The DCXL project is in full swing now– developers are working closely with Microsoft Research to create the add-in that will revolutionize scientific data curation (in my humble opinion!). Part of this process was deciding how to handle metadata. For a refresher on metadata, i.e. data documentation, read this post about the metadata in DCXL.
Creating metadata was one of the major requirements for the project, and arguably the most challenging task. The challenges stem from the fact that there are many metadata standards out there, and of course, none are perfect for our particular task. So how do we incorporate good work done by others much smarter than me into DCXL, without compromising our need for user-friendly, simple data documentation?
It was tricky, but we came up with a solution that will work for many, if not most, potential DCXL users. A few things entered into the metadata route we chose:
- DataONE: We are very interested in making sure that data posted to a repository via the DCXL add-in can be found using the DataONE Mercury metadata search system (Called ONE-Mercury; to be released in May). That means we need to make sure we are using metadata that the DataONE infrastructure likes. At this point in DataONE’s development, that limits us to International Organization for Standardization Geospatial Metadata Standard (ISO19115), Federal Geographic Data Committee Geospatial Metadata Standard (FGDC) , and Ecological Metadata Language (EML).

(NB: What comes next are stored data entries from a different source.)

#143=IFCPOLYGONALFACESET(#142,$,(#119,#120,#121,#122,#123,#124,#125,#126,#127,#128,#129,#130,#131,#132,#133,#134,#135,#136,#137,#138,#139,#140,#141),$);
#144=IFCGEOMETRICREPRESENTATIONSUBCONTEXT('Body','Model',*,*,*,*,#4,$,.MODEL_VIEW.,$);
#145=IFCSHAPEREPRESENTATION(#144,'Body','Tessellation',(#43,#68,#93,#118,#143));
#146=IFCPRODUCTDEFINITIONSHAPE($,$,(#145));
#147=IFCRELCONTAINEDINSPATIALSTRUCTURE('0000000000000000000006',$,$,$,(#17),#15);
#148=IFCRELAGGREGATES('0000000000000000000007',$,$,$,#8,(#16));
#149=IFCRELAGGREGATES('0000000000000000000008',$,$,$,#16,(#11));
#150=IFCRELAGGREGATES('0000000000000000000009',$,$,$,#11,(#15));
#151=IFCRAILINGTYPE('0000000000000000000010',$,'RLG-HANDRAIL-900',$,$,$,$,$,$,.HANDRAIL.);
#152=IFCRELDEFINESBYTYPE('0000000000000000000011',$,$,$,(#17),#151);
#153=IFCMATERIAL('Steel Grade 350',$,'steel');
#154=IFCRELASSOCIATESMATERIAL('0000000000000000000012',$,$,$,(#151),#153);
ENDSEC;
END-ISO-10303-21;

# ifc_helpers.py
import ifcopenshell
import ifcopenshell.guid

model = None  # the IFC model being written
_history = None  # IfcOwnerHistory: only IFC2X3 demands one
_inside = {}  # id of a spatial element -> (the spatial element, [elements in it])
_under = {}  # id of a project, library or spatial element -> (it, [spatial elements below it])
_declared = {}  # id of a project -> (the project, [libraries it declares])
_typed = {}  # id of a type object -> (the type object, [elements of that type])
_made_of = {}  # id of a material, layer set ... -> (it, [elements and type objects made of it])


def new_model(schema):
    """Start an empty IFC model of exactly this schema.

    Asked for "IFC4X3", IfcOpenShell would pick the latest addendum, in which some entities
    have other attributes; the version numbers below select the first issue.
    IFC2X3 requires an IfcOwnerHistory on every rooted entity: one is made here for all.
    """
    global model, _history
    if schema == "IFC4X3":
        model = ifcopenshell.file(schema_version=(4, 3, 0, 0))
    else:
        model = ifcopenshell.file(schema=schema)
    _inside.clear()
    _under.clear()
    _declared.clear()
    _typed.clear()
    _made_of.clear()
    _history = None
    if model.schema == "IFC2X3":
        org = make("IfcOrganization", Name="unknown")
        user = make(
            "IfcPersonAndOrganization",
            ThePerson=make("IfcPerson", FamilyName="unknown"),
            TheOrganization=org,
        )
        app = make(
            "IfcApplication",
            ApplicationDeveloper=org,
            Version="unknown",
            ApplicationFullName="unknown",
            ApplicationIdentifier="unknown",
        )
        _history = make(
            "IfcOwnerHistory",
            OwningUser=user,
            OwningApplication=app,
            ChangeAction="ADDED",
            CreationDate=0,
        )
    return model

- We want metadata created by the DCXL software to be as flexible as possible for as many different types of data as possible. ISO19115 and FGDC are both geared towards spatial data specifically (e.g., GIS). EML is a bit more general and flexible, so we chose to go with it.
- EML is a very well documented metadata schema; rather than include every element of EML in DCXL, we cherry-picked the elements we thought would generate metadata that makes the data more discoverable and useable. Of course, just like never being too skinny or too rich, you can NEVER have too much metadata. But we chose to draw the line somewhere between “not useful at all” and “overwhelming”.
- We ensured that the metadata elements we included could be mapped to DataCite and Dublin Core minimal metadata. This ensures that a data citation can be generated based on the metadata collected for the dataset.